The decoding mode combining the three paths also provides a new idea for semantic segmentation of the image.

The above embodiments are described in detail for the purpose of further illustrating the present invention and should not be construed as limiting the scope of the present invention, and the skilled engineer can make insubstantial modifications and variations of the present invention based on the above disclosure.

Claims

1. A remote sensing image semantic segmentation method based on a multi-scale decoding network is characterized by comprising the following steps: the method comprises the following steps:

(2) the network structure is divided into two parts of encoding and multi-scale decoding, the front 16 layers of VGG16 of the classification network are used as an encoding network, the multi-scale decoding network is composed of three paths of an inverse pooling path, an inverse convolution path and a void convolution path, the resolution of encoded information is doubled through the inverse pooling path and the inverse convolution path, the encoded information and the void convolution result are subjected to channel connection, the characteristic image is restored to the original size through sampling on the inverse convolution, the output label image is input into a PPB module to be subjected to multi-scale aggregation processing, and finally, the network parameters are updated in a random gradient descending mode by taking cross entropy as a loss function;

a PPB module: performing global average pooling on the output characteristics by 4 times, 8 times, 16 times and 32 times after convolution processing of 3 × 3 respectively, constructing 4 pooled pyramids, finally performing dimensionality reduction by using 1 × 1 convolution, and outputting prediction label mapping through a softmax layer;

(3) sequentially cutting a test picture into small images of 256 multiplied by 256 pixels, inputting the small images into a neural network to predict corresponding label graphs, and splicing the label graphs into an original size;

the step (2) comprises the following substeps:

(1.2) extracting semantic features of the preprocessed image fragments by adopting the first 16 layers of the VGG network as a coding network;

the step (2) further comprises the following substeps:

(2.3) connecting the characteristic graphs generated by the 3 paths, integrating information of different scales, and using the information as a decoding network to enable the model to select an optimal combination; and then, restoring the feature map to the original size by using convolution of step size 16 and 32 multiplied by 32, and outputting a prediction label through a softmax layer to obtain a semantic segmentation image.

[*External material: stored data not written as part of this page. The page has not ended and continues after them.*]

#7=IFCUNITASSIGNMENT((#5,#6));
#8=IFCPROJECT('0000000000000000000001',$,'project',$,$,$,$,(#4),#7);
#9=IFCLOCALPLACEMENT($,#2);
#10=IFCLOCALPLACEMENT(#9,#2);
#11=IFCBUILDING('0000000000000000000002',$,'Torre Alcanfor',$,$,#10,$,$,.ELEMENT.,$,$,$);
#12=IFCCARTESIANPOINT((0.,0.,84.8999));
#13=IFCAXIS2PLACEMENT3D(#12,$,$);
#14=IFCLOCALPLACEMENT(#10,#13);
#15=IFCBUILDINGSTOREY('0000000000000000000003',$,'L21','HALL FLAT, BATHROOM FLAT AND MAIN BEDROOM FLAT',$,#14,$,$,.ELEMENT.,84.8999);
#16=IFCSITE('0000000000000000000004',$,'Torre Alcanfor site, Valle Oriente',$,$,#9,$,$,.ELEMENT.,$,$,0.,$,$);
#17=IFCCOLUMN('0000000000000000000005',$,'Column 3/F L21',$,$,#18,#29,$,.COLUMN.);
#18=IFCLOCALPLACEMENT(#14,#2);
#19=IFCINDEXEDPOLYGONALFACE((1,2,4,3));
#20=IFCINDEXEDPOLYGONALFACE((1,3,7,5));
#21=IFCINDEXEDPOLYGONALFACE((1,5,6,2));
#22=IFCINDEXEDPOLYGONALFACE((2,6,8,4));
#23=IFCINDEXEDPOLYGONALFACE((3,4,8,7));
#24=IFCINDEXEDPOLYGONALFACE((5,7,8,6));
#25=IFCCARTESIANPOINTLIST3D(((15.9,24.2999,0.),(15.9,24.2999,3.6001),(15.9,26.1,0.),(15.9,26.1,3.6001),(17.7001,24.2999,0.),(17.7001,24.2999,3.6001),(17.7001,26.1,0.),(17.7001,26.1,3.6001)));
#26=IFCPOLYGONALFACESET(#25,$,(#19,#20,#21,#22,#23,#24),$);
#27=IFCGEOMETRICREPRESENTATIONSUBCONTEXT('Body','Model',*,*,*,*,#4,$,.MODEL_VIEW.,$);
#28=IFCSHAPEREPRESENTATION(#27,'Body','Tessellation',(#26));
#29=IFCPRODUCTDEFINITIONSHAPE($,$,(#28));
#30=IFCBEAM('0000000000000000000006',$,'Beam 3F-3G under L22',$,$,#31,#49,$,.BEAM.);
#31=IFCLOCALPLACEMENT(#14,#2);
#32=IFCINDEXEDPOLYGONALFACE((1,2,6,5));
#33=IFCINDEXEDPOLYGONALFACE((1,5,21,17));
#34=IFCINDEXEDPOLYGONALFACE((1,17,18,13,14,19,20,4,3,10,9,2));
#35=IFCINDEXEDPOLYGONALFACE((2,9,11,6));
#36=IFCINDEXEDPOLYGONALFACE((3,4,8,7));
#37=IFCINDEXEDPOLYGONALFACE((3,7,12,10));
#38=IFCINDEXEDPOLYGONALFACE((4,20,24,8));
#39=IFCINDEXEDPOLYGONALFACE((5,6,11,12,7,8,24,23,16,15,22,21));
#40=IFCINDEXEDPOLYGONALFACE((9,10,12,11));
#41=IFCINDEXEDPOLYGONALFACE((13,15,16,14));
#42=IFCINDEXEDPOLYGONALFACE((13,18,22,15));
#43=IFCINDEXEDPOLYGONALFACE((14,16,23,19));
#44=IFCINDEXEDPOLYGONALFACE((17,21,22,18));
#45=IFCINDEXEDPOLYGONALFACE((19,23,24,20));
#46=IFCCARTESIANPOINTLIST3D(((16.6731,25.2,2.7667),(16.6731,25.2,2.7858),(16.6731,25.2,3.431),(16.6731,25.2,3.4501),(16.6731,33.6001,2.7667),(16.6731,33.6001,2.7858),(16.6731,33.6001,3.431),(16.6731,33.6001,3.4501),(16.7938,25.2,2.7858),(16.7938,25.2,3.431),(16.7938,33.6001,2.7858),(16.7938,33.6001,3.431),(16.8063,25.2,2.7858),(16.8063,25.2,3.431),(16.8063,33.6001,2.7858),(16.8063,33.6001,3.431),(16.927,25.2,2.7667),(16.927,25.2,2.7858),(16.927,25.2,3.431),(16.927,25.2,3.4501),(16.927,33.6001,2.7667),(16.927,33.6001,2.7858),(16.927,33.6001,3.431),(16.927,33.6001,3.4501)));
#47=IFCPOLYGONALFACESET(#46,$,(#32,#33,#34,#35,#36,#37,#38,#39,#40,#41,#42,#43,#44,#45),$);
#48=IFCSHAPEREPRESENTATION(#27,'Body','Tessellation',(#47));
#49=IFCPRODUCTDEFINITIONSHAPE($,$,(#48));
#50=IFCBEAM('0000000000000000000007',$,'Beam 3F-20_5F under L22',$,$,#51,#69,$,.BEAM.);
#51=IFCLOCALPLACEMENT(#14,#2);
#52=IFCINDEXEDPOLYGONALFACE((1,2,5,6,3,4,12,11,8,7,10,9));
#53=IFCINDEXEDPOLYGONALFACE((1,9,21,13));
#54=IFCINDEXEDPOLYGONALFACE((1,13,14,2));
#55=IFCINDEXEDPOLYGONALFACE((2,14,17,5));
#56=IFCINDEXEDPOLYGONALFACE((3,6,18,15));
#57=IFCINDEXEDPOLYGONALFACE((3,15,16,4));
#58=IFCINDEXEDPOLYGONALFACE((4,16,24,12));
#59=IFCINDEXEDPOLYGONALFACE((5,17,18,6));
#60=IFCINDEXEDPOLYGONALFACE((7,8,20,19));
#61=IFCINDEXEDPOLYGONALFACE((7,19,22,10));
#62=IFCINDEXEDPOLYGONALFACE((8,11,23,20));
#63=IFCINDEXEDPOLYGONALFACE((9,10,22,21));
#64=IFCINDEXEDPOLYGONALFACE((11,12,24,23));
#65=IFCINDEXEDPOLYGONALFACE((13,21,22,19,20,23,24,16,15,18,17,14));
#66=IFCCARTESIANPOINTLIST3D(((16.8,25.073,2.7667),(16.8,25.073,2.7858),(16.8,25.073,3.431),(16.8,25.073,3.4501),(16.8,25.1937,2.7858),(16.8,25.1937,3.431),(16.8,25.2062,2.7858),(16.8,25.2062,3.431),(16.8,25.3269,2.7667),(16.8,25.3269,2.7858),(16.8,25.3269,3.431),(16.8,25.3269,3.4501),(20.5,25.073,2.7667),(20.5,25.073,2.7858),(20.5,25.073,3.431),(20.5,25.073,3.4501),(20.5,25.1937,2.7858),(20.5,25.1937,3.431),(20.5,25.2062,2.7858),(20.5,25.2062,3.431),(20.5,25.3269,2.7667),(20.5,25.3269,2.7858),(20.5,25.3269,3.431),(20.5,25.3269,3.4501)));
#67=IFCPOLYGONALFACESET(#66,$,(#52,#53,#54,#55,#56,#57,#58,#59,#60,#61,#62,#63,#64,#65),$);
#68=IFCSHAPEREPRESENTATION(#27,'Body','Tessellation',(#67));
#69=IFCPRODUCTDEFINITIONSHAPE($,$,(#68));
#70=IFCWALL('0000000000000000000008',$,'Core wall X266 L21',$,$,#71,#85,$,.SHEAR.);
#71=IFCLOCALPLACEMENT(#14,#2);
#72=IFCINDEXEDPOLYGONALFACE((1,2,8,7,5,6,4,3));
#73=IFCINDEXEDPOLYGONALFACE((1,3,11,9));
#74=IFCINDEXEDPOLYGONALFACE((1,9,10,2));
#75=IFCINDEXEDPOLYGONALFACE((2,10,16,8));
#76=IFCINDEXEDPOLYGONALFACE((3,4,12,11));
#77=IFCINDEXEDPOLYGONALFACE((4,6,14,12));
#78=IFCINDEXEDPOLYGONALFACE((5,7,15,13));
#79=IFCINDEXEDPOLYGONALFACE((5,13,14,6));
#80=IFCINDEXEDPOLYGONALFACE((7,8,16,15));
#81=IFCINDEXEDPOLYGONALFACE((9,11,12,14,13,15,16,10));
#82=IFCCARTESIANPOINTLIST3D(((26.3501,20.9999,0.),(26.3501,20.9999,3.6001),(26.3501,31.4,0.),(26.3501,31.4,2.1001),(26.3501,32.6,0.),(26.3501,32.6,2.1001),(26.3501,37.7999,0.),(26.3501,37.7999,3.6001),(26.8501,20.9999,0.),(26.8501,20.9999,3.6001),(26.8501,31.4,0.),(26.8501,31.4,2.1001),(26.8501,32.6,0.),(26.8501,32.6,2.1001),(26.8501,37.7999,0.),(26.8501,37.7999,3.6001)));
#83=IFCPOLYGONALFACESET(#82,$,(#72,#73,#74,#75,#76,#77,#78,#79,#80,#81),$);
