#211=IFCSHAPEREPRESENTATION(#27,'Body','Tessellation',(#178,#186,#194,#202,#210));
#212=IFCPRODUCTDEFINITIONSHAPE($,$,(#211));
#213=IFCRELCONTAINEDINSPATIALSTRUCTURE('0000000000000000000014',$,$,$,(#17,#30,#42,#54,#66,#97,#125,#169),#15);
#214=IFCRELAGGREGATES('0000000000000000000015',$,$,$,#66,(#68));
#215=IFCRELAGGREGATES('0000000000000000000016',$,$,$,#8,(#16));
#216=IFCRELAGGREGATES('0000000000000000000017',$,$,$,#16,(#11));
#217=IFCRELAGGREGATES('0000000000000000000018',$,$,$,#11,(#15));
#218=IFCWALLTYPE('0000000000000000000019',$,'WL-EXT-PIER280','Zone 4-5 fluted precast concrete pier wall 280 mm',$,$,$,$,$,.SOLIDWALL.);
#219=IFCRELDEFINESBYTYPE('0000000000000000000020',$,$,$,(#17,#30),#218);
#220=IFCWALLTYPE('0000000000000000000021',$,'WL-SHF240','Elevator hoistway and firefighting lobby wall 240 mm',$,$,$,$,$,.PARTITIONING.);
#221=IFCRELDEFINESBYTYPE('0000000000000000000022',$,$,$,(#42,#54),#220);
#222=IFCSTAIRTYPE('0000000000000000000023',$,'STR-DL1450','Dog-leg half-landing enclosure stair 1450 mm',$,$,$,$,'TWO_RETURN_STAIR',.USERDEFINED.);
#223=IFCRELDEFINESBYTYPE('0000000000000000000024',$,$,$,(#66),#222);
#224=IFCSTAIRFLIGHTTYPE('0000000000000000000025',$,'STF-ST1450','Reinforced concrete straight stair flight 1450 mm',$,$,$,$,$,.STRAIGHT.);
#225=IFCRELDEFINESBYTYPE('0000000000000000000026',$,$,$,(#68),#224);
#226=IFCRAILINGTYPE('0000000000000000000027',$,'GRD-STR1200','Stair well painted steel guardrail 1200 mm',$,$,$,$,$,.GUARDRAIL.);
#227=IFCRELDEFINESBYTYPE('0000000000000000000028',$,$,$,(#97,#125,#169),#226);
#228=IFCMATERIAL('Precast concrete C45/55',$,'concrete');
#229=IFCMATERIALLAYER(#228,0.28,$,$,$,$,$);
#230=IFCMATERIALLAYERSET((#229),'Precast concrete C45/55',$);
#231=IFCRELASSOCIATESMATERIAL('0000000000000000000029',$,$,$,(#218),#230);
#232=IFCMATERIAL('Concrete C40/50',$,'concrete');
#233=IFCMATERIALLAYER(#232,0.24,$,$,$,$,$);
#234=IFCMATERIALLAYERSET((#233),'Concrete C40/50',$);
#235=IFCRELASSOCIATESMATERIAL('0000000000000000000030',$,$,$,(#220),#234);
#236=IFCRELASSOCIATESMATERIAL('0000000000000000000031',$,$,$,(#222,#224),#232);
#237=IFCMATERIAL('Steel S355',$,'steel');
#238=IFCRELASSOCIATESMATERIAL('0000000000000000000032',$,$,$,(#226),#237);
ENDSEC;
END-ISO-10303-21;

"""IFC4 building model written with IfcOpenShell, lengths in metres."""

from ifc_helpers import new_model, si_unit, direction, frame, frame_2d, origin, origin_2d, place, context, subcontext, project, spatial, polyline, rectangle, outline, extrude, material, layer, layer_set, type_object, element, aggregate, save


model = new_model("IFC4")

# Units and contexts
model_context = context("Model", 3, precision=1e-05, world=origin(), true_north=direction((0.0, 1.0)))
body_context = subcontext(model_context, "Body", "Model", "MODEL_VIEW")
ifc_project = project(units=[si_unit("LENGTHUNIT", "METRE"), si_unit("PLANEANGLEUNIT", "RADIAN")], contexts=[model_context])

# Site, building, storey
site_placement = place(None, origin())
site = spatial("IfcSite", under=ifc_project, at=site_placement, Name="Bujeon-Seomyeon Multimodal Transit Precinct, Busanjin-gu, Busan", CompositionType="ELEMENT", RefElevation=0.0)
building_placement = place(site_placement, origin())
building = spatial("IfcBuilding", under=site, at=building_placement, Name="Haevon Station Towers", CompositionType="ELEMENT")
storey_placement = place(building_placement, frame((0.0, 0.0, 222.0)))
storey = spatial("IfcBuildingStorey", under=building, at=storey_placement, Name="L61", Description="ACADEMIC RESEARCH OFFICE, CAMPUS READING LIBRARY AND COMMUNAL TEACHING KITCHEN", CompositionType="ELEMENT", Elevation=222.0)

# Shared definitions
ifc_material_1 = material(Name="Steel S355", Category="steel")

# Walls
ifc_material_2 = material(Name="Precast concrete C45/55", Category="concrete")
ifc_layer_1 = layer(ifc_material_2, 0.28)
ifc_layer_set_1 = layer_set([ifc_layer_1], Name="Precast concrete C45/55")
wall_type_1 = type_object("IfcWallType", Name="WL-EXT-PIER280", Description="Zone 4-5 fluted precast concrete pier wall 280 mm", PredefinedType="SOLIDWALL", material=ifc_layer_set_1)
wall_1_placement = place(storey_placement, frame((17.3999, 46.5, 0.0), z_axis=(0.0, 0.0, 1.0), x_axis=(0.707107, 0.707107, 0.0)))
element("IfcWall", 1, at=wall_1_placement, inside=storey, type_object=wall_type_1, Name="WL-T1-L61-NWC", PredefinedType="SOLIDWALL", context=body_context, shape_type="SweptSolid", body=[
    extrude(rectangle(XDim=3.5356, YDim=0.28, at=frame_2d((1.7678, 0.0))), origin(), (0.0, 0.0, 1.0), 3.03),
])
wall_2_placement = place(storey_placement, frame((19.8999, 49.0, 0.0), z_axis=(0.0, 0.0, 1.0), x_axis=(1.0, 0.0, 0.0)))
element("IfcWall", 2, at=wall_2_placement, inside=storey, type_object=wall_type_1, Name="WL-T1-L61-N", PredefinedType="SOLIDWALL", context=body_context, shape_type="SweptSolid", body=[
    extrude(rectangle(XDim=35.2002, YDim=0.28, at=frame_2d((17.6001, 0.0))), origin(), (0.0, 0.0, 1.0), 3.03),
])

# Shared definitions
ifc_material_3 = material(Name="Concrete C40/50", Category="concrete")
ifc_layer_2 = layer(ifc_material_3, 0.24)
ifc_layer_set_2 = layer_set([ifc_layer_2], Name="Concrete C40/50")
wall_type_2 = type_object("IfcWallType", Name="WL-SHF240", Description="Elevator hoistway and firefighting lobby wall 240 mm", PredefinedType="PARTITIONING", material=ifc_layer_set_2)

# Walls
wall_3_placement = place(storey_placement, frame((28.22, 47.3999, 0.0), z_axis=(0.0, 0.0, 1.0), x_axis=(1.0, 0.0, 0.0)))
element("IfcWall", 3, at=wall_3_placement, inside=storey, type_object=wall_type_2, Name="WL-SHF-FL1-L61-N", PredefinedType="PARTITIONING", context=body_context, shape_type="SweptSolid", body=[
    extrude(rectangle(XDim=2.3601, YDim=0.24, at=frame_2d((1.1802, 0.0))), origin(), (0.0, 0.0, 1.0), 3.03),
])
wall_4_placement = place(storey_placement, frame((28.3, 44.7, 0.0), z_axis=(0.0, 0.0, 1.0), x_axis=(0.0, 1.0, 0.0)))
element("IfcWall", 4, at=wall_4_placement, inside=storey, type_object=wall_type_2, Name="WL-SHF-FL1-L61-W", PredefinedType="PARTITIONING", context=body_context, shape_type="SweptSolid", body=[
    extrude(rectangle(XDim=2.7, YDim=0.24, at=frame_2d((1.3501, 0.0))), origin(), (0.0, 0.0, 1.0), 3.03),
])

2. The remote sensing image semantic segmentation method based on the multi-scale decoding network according to claim 1, characterized in that: the manufacturing method of the prediction label comprises the following steps:

3. The remote sensing image semantic segmentation method based on the multi-scale decoding network according to claim 1, characterized in that: a computer with an Intel Core-i5 central processing unit and a 4G byte memory is adopted, and an Matlab language is used for constructing an algorithm framework for semantic segmentation of remote sensing images of a multi-scale decoding network.

4. The remote sensing image semantic segmentation method based on the multi-scale decoding network according to claim 1, characterized in that: the parameters were updated by a random gradient descent with momentum of 0.9 using cross entropy as a loss function.